When characterizing the mechanism underlying the influence of autophagy on Notch1 levels and pathway activation, we first discovered that autophagy induced by AZD8055 and rapamycin, can regulate Notch1 degradation. We confirmed that autophagy impacted plasma membrane Notch1 levels, where Notch1 can bind to its cognate ligand and become activated. Both AZD8055 and rapamycin treatments decreased Notch1 subcellular localization on cell membrane (Fig. 6c, d). Theoretically, Notch1 should enter into autophagosomes, which co-localize with LC3B, following autophagic degradation. Based on immunofluorescence staining, Notch1 was clearly localized to the plasma membrane of DMSO-treated groups, while a small fraction of Notch1 co-localized with LC3B in the AZD8055- and rapamycin-treated groups (Fig. 6a). Moreover, Dll1 levels did not change upon induction of autophagy as measured by western blot (Fig. 6c). Furthermore, NICD did not co-localize with LC3B after AZD8055 and rapamycin treatment as determined by immunofluorescence staining (Fig. 6b). This indicated that the decreased levels of NICD was a consequence of Notch1 degradation rather than NICD degradation. These results are presented in a mechanistic diagram showing that autophagy suppressed Notch1 pathway activity through inducing Notch1 degradation (Fig. 6e).

Fig. 6: Autophagy regulated Notch1 degradation.
figure 6

a U87 and U251 GICs were treated with AZD8055 (0.3 µM) for 48 h and rapamycin (3 µM) for 24 h. Cells were immunostained for Notch1 (green) and LC3 (red) and stained with DAPI (blue). The white box indicates the location of the enlargement. The white triangle shows LC3B and Notch1 colocalization with some yellow points. Scale bar = 5 µm. b Cells were immunostained for NICD (green) and LC3B (red) and stained with DAPI (blue) after the same treatment as a. Scale bar = 5 µm. c The expression of Notch1, DLL1 on the membrane of U87 and U251 GICs were detected by western blot. Drugs treatment were the same as in a. d Bar chart were used to compare the expression of Notch1 in three groups treatment. Data are shown as means ± S.D. n = 3, *P < 0.05, **P < 0.01, Student’s t-test. e Mechanism diagram described the line of Notch pathway activation and the progress of Autophagy regulating Notch1 degradation

AZD8055 and rapamycin suppressed GIC tumorigenicity in intracranial xenograft model

In vivo, tumor volume is commonly utilized to evaluate GIC tumorigenicity. To investigate the potential effects of AZD8055 and rapamycin on GIC tumorigenicity, an intracranial orthotopic xenograft model was generated by implanting U87 GICs into the brain. Seven days after implantation, DMSO, AZD8055, or rapamycin was injected intraperitoneally 5 days a week for 3 weeks. Bioluminescence imaging and hematoxylin-eosin staining revealed that GIC tumorigenicity was lower in the AZD8055 and rapamycin groups than that in the DMSO group; in particular, AZD8055 treatment resulted in smaller tumor volumes than rapamycin treatment (Fig. 7a, b, and d). AZD8055- and rapamycin-treated mice survived markedly longer than DMSO-treated mice, where AZD8055-treated mice harbored the longest survival among the cohorts (Fig. 7c). These results show that AZD8055- and rapamycin-induced autophagy suppressed tumorigenicity of U87 GICs in vivo.

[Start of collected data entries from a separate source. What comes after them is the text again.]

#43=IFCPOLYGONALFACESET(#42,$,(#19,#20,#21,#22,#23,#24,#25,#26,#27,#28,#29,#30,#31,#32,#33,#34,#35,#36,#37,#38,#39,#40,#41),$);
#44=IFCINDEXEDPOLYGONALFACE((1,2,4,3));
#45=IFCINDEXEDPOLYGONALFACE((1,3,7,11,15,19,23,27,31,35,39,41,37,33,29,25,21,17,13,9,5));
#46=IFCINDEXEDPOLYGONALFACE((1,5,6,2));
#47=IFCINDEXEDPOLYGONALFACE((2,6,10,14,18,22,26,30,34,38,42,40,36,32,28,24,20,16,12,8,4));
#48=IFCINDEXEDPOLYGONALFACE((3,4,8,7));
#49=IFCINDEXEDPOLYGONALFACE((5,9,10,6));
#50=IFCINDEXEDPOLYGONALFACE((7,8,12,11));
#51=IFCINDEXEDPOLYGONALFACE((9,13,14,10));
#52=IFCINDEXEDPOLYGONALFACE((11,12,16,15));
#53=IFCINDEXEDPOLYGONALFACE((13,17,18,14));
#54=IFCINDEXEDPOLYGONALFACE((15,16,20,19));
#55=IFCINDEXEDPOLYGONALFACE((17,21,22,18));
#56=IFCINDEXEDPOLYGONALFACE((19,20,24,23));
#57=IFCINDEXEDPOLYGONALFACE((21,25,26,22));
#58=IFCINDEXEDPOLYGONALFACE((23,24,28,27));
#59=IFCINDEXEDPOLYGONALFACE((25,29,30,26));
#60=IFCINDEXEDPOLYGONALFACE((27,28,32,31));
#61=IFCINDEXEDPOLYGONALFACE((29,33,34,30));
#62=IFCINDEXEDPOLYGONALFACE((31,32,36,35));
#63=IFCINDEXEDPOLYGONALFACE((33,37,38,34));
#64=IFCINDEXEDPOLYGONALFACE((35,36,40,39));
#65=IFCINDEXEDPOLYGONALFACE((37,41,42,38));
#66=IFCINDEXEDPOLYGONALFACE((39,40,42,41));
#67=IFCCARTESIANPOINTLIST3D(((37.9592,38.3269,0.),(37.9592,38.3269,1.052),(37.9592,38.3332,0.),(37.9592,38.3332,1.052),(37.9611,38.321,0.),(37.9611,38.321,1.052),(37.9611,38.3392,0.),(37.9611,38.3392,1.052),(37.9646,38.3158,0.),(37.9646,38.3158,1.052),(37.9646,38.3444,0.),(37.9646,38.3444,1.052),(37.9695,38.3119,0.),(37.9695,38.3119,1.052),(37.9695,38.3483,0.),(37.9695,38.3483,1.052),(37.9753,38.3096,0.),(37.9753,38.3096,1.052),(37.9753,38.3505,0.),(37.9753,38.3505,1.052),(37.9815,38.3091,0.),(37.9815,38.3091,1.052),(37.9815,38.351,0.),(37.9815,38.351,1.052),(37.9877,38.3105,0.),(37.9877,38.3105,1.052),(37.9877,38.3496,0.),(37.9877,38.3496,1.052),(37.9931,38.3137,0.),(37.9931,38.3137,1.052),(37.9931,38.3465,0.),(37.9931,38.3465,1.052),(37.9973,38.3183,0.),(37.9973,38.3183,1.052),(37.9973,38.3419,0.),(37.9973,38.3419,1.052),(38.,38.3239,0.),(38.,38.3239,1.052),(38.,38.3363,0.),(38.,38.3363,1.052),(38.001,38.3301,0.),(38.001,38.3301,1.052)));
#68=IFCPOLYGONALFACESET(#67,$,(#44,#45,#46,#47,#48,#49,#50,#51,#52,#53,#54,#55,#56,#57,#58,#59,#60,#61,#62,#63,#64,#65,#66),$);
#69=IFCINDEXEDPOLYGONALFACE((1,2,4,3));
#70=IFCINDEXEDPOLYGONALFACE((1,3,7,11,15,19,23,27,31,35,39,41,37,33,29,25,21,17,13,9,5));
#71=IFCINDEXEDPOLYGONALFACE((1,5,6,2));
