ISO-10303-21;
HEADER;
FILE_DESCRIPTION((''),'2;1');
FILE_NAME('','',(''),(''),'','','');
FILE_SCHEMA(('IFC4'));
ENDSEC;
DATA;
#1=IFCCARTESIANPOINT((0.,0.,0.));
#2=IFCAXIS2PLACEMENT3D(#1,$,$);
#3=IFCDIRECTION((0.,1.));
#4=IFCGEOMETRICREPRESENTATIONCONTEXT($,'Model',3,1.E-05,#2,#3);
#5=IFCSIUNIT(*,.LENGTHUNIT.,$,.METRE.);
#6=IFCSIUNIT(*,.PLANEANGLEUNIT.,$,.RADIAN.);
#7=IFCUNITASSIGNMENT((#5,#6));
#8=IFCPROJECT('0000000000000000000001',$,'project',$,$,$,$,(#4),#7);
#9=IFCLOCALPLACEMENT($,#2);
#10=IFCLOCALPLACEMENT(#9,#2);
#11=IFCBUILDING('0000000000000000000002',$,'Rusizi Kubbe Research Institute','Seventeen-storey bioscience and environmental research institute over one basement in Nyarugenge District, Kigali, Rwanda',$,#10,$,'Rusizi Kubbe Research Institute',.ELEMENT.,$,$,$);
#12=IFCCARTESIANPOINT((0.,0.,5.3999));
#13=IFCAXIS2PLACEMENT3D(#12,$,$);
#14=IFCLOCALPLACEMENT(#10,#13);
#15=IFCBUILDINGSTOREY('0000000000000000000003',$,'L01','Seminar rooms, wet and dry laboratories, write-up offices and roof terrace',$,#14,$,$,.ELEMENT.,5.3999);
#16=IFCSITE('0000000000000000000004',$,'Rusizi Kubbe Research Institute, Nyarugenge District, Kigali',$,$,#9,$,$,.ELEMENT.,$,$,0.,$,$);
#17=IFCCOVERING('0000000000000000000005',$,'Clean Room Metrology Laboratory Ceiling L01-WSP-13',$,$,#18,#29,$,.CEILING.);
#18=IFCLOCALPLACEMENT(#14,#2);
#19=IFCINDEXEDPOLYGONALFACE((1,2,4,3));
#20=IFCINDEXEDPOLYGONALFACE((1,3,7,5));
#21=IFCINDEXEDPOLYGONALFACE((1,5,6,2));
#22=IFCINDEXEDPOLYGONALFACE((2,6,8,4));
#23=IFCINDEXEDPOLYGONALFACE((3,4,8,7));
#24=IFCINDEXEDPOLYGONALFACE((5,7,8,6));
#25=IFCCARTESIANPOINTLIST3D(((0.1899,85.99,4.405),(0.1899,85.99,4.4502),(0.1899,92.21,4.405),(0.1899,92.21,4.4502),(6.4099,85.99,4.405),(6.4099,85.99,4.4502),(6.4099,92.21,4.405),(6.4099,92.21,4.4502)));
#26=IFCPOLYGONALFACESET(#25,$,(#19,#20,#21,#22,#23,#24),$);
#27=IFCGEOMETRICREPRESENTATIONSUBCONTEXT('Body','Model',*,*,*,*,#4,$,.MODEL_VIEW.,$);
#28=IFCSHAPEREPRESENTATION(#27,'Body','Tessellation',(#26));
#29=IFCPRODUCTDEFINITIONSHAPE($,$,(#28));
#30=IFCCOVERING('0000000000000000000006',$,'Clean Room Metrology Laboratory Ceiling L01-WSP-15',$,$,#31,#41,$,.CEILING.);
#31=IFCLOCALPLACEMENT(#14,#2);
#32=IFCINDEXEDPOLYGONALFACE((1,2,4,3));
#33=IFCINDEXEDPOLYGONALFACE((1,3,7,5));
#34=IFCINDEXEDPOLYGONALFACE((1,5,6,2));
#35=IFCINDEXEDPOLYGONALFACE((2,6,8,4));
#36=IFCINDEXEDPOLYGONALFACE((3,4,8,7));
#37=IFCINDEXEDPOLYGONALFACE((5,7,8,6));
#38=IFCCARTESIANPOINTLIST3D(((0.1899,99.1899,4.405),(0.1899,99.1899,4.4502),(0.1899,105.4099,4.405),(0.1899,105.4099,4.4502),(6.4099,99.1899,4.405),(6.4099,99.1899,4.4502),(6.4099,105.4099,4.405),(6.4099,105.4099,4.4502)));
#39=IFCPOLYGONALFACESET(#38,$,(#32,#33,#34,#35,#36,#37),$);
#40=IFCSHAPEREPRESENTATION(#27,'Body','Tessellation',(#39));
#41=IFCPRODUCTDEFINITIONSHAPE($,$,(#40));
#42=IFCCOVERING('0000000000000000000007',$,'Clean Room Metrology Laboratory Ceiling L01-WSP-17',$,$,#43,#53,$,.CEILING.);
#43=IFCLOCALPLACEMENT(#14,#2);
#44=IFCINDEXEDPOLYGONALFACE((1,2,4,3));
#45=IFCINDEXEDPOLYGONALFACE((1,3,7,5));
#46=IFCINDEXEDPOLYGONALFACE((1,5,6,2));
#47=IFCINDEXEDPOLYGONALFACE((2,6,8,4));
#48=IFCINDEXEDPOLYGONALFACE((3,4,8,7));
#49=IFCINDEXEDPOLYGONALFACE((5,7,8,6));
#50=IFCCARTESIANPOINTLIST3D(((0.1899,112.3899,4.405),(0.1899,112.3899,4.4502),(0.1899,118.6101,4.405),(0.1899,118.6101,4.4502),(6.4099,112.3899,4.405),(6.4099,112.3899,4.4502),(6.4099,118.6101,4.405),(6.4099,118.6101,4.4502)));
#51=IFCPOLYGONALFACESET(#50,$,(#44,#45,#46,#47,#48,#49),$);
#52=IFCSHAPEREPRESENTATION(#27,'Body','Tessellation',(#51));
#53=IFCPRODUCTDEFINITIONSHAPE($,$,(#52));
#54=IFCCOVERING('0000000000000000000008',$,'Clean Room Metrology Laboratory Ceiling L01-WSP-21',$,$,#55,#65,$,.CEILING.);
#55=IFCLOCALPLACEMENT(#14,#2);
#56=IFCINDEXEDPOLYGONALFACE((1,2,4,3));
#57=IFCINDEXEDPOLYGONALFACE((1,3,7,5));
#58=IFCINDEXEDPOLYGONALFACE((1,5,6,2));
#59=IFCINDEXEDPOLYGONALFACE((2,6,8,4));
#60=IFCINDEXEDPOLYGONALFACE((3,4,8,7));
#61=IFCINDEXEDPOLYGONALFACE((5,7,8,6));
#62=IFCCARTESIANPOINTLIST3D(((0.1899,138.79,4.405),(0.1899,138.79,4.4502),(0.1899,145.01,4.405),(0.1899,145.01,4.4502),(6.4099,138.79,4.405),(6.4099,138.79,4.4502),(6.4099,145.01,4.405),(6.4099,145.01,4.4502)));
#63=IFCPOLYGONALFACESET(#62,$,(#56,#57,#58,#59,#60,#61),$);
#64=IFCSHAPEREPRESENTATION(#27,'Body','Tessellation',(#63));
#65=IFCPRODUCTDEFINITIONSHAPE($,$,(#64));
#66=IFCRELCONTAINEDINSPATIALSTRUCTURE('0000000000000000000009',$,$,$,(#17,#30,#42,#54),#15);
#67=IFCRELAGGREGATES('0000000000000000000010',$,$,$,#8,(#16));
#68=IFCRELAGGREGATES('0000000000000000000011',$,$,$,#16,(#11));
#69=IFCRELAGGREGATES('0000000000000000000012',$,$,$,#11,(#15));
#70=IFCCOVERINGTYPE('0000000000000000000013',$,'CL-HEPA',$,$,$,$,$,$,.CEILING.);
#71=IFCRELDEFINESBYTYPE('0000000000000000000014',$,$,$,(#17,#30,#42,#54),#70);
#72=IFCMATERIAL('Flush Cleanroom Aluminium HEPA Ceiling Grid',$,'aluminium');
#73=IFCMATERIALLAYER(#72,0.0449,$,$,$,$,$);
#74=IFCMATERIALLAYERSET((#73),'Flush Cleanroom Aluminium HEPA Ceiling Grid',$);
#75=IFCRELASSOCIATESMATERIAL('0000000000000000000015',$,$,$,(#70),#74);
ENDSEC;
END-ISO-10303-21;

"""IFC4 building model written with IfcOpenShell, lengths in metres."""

from ifc_helpers import new_model, si_unit, direction, frame, origin, place, context, subcontext, project, spatial, polyline, outline, extrude, material, layer, layer_set, type_object, element, save


model = new_model("IFC4")

# Units and contexts
model_context = context("Model", 3, precision=1e-05, world=origin(), true_north=direction((0.0, 1.0)))
body_context = subcontext(model_context, "Body", "Model", "MODEL_VIEW")
ifc_project = project(units=[si_unit("LENGTHUNIT", "METRE"), si_unit("PLANEANGLEUNIT", "RADIAN")], contexts=[model_context])

# Site, building, storey
site_placement = place(None, origin())
site = spatial("IfcSite", under=ifc_project, at=site_placement, Name="Rusizi Kubbe Research Institute, Nyarugenge District, Kigali", CompositionType="ELEMENT", RefElevation=0.0)
building_placement = place(site_placement, origin())
building = spatial("IfcBuilding", under=site, at=building_placement, Name="Rusizi Kubbe Research Institute", Description="Seventeen-storey bioscience and environmental research institute over one basement in Nyarugenge District, Kigali, Rwanda", LongName="Rusizi Kubbe Research Institute", CompositionType="ELEMENT")
storey_placement = place(building_placement, frame((0.0, 0.0, 5.3999)))
storey = spatial("IfcBuildingStorey", under=building, at=storey_placement, Name="L01", Description="Seminar rooms, wet and dry laboratories, write-up offices and roof terrace", CompositionType="ELEMENT", Elevation=5.3999)

# Coverings
ifc_material_1 = material(Name="Flush Cleanroom Aluminium HEPA Ceiling Grid", Category="aluminium")
ifc_layer_1 = layer(ifc_material_1, 0.0449)
ifc_layer_set_1 = layer_set([ifc_layer_1], Name="Flush Cleanroom Aluminium HEPA Ceiling Grid")
covering_type_1 = type_object("IfcCoveringType", Name="CL-HEPA", PredefinedType="CEILING", material=ifc_layer_set_1)
covering_1_placement = place(storey_placement, frame((0.0, 0.0, 4.405)))
element("IfcCovering", 1, at=covering_1_placement, inside=storey, type_object=covering_type_1, Name="Clean Room Metrology Laboratory Ceiling L01-WSP-13", PredefinedType="CEILING", context=body_context, shape_type="SweptSolid", body=[
    extrude(outline(polyline([(0.1899, 85.99), (6.4099, 85.99), (6.4099, 92.21), (0.1899, 92.21), (0.1899, 85.99)])), origin(), (0.0, 0.0, 1.0), 0.0452),
])
covering_2_placement = place(storey_placement, frame((0.0, 0.0, 4.405)))
element("IfcCovering", 2, at=covering_2_placement, inside=storey, type_object=covering_type_1, Name="Clean Room Metrology Laboratory Ceiling L01-WSP-15", PredefinedType="CEILING", context=body_context, shape_type="SweptSolid", body=[
    extrude(outline(polyline([(0.1899, 99.1899), (6.4099, 99.1899), (6.4099, 105.4099), (0.1899, 105.4099), (0.1899, 99.1899)])), origin(), (0.0, 0.0, 1.0), 0.0452),
])
covering_3_placement = place(storey_placement, frame((0.0, 0.0, 4.405)))
element("IfcCovering", 3, at=covering_3_placement, inside=storey, type_object=covering_type_1, Name="Clean Room Metrology Laboratory Ceiling L01-WSP-17", PredefinedType="CEILING", context=body_context, shape_type="SweptSolid", body=[
    extrude(outline(polyline([(0.1899, 112.3899), (6.4099, 112.3899), (6.4099, 118.6101), (0.1899, 118.6101), (0.1899, 112.3899)])), origin(), (0.0, 0.0, 1.0), 0.0452),
])
covering_4_placement = place(storey_placement, frame((0.0, 0.0, 4.405)))
element("IfcCovering", 4, at=covering_4_placement, inside=storey, type_object=covering_type_1, Name="Clean Room Metrology Laboratory Ceiling L01-WSP-21", PredefinedType="CEILING", context=body_context, shape_type="SweptSolid", body=[
    extrude(outline(polyline([(0.1899, 138.79), (6.4099, 138.79), (6.4099, 145.01), (0.1899, 145.01), (0.1899, 138.79)])), origin(), (0.0, 0.0, 1.0), 0.0452),
])

save(model, "model.ifc")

Fig. 7: AZD8055 and rapamycin inhibited the tumorigenicity of CD133 + U87-MG neurosphere cells in vivo.
figure 7

The mice were treated with intraperitoneal injection with DMSO, AZD855 (10 mg/kg/day), or rapamycin (1.5 mg/kg/day) for 5 days a week. The treatment started from the 7th day after implantation and lasted for ~21 days. a Representative images of bioluminescence of mice on days 7, 14, and 28 after implantation. b Quantitative analysis of these bioluminescence images for the DMSO, AZD8055, and rapamycin treatment groups. c The overall survival of mice in the DMSO, AZD8055, and rapamycin treatment groups. Data are shown as the mean ± S.D. n = 5, **P < 0.01 compared to the control, ANOVA test. d Representative images of the HE staining in tumor sections ( × 400 magnification)

Discussion

In the present study, we found that autophagy suppressed GIC self-renewal and tumorigenicity in vitro and in vivo and promoted Notch1 degradation, thus, inhibiting Notch1 pathway activation. These findings reveal a novel approach to prevent GBM recurrence by targeting GICs. Therefore, we detected a stemness-destructed autophagy induced by mTOR inhibitors, which is supported by previous studies23,24. Although other studies suggests that autophagy is protective39,40, we argue that tumor cells have to derive adequate nutrient substance to guarantee basic survival-related sustainment upon various stresses by sacrificing some aggressive behaviors, such as stemness maintenance. Similarly, we detected that mTOR inhibitors, an autophagy inducer, exerted an effect of suppression on the self-renewal and tumorigenicity of GICs and could be blocked by using autophagy inhibitors in vitro.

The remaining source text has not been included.